Here we explore the activation mechanisms of human TRPC5, a putative cationic channel that was cloned from a region of the X chromosome associated with mental retardation. No basal activity was evident but activity was induced by carbachol stimulation of muscarinic receptors independently of Ca2+ release. This is 'receptor activation', as described for mouse TRPC5. In addition, and in the absence of receptor stimulation, extracellular gadolinium (0.1 mm) activated TRPC5, an effect that was mimicked by 5-20 mm extracellular Ca2+ with intracellular Ca2+ buffered. We refer to this as 'external ionic activation'. TRPC5 was also activated by modest elevation of [Ca2+]i in the absence of GTP--'calcium activation'. A putative fourth activation mechanism is a signal from depleted intracellular Ca2+ stores. Consistent with this idea, human TRPC5 was activated by a standard store-depletion/Ca2+ re-entry protocol, an effect that was difficult to explain by calcium activation. Multiplicity of TRPC5 activation was demonstrated in single cells and thus not dependent on heterogeneity of expression levels or cellular context. Therefore, human TRPC5 is activated by a range of stimuli, avoiding dependence on a single critical activator as in many other ion channels. One of these stimuli would seem to be a change in Ca2+ handling by the endoplasmic reticulum.

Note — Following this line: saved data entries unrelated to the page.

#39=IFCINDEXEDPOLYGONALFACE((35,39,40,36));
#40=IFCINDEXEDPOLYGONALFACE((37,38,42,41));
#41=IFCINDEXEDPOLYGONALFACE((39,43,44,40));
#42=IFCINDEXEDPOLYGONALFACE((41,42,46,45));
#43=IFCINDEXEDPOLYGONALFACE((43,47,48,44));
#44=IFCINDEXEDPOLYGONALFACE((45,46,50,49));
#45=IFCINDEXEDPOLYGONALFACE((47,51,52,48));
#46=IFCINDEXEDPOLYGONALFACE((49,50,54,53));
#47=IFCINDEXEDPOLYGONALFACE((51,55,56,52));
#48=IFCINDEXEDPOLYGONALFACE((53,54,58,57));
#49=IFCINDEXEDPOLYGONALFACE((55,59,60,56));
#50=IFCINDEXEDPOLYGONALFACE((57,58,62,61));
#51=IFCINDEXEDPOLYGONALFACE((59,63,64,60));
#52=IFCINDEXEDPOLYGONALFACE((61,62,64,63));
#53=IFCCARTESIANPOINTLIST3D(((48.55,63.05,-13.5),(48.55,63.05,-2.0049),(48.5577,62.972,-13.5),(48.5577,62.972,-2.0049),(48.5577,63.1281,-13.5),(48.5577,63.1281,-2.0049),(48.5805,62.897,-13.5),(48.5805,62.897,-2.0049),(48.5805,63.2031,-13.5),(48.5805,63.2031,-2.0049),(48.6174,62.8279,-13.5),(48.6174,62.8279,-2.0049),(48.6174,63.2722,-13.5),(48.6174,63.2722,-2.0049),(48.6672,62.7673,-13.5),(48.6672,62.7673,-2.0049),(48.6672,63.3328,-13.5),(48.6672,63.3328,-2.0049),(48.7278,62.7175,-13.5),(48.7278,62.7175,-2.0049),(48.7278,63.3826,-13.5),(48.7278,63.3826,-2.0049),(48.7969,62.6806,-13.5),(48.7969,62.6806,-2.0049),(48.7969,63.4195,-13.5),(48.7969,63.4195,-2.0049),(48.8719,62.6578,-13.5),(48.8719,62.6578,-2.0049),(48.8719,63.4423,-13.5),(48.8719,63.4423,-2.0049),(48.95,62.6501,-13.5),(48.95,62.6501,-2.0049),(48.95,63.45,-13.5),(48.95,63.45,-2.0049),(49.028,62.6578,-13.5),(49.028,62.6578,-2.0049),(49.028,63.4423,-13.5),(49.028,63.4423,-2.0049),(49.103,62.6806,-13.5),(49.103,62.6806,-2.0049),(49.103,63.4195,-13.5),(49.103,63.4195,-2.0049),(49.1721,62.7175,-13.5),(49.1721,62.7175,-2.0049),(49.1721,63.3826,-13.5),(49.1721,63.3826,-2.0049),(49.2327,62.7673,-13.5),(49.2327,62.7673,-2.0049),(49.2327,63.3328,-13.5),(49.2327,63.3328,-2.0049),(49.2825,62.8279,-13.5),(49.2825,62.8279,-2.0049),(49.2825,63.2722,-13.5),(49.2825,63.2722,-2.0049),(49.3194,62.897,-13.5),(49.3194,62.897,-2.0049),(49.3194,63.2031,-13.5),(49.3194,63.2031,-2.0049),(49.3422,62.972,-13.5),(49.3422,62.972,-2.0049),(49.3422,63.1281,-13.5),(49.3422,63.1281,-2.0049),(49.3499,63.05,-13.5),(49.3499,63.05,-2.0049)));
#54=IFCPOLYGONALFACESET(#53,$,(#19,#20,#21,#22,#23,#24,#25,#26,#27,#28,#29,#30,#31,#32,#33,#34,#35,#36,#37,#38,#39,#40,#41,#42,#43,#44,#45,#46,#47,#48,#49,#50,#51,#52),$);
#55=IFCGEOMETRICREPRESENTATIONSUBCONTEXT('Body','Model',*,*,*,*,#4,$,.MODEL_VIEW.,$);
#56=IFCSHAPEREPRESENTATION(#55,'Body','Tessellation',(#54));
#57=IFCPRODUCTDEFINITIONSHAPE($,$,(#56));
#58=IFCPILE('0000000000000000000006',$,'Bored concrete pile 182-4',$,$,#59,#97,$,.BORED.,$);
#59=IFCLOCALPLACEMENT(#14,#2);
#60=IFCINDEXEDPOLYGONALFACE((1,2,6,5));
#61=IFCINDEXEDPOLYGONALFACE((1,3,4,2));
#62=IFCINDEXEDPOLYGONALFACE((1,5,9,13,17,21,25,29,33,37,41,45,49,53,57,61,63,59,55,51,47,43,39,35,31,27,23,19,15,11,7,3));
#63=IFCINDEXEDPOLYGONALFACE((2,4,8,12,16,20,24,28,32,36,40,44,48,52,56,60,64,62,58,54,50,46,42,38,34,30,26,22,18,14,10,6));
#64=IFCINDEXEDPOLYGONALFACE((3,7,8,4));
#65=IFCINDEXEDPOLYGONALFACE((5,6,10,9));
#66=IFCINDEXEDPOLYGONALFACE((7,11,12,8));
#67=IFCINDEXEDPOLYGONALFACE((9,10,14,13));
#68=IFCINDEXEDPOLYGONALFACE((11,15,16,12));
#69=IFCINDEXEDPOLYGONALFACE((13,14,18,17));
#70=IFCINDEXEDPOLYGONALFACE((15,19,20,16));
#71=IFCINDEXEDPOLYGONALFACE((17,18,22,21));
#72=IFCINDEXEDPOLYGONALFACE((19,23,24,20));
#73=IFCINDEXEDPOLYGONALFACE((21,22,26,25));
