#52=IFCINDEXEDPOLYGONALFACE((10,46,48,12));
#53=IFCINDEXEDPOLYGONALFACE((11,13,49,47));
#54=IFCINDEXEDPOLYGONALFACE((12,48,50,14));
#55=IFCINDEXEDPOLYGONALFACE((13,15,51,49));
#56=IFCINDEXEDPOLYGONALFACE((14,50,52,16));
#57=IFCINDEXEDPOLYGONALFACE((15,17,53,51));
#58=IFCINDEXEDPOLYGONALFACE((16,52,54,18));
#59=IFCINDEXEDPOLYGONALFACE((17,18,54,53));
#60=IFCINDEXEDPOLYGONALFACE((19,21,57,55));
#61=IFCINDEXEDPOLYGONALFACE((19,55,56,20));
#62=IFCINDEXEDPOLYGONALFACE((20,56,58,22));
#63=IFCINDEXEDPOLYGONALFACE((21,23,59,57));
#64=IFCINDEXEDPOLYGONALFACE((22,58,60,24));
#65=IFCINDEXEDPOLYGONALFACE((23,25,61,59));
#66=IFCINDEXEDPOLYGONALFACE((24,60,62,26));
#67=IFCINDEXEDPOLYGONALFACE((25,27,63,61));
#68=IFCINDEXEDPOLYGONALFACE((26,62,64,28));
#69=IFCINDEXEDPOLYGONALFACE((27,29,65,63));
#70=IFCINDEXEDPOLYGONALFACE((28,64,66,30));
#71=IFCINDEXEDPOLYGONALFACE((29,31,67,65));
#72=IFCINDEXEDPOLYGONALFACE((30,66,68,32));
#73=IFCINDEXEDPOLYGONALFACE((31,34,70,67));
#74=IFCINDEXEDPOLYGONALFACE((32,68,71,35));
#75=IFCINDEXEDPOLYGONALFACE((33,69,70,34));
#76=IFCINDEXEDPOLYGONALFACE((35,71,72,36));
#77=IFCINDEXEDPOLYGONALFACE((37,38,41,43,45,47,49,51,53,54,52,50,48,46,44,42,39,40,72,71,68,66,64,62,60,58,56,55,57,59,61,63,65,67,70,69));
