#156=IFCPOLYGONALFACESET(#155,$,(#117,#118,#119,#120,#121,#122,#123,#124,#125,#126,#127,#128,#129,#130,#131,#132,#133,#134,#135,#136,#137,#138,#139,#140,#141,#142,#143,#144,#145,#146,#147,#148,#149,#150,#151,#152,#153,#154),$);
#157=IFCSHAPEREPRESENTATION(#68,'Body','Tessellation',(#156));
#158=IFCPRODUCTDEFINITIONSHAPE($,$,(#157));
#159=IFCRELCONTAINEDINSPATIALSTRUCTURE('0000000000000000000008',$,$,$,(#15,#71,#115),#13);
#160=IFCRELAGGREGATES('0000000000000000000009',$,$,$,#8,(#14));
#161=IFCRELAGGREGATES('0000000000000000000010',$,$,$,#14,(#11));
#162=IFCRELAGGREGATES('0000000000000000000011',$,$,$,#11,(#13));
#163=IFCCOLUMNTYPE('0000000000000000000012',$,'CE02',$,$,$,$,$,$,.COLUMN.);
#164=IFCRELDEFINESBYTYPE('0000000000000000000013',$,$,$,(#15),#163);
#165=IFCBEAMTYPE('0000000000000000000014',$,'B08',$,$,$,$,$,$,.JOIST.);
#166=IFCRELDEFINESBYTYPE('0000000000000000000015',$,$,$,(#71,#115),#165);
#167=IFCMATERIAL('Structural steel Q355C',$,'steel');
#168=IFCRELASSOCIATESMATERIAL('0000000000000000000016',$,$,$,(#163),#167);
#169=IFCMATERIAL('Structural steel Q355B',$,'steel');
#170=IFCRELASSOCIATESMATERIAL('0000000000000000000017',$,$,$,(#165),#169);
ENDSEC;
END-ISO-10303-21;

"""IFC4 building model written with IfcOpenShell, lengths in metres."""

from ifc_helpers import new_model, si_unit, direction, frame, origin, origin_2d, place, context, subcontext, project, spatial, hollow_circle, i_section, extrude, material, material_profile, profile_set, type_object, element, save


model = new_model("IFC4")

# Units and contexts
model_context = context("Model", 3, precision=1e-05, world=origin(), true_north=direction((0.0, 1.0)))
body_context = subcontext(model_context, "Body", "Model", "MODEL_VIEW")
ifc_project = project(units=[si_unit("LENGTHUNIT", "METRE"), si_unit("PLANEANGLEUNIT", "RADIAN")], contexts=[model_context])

Critical intracellular Ca2+ dependence of transient receptor potential melastatin 2 (TRPM2) cation channel activation.

TRPM2 is a member of the melastatin-related TRP (transient receptor potential) subfamily. It is expressed in brain and lymphocytes and forms a cation channel that is activated by intracellular ADP-ribose and associated with cell death. In this study we investigated the calcium dependence of human TRPM2 expressed under a tetracycline-dependent promoter in HEK-293 cells. TRPM2 expression was associated with enhanced hydrogen peroxide-evoked intracellular calcium signals. In whole-cell patch clamp recordings, switching from barium- to calcium-containing extracellular solution markedly activated TRPM2 as long as ADP-ribose was in the patch pipette and exogenous intracellular calcium buffering was minimal. We suggest this effect reveals a critical dependence of TRPM2 channel activity on intracellular calcium. In the absence of extracellular calcium we observed concentration-dependent activation of TRPM2 channels by calcium delivered from the patch pipette (EC(50) 340 nM, slope 4.9); the maximum effect was at least as large as that evoked by extracellular calcium. Intracellular dialysis of cells with high concentrations of EGTA or 1,2-bis(o-Aminophenoxy)ethane-N,N,N',N'-tetraacetic acid (BAPTA) strongly reduced the amplitude of the extracellular calcium response, and the residual response was abolished by a mixture of high and low affinity calcium buffers. TRPM2 channel currents in inside-out patches showed a strong requirement for Ca(2+) at the intracellular face of the membrane. We suggest that calcium entering via TRPM2 proteins acts at an intracellular calcium sensor closely associated with the channel, providing essential positive feedback for channel activation.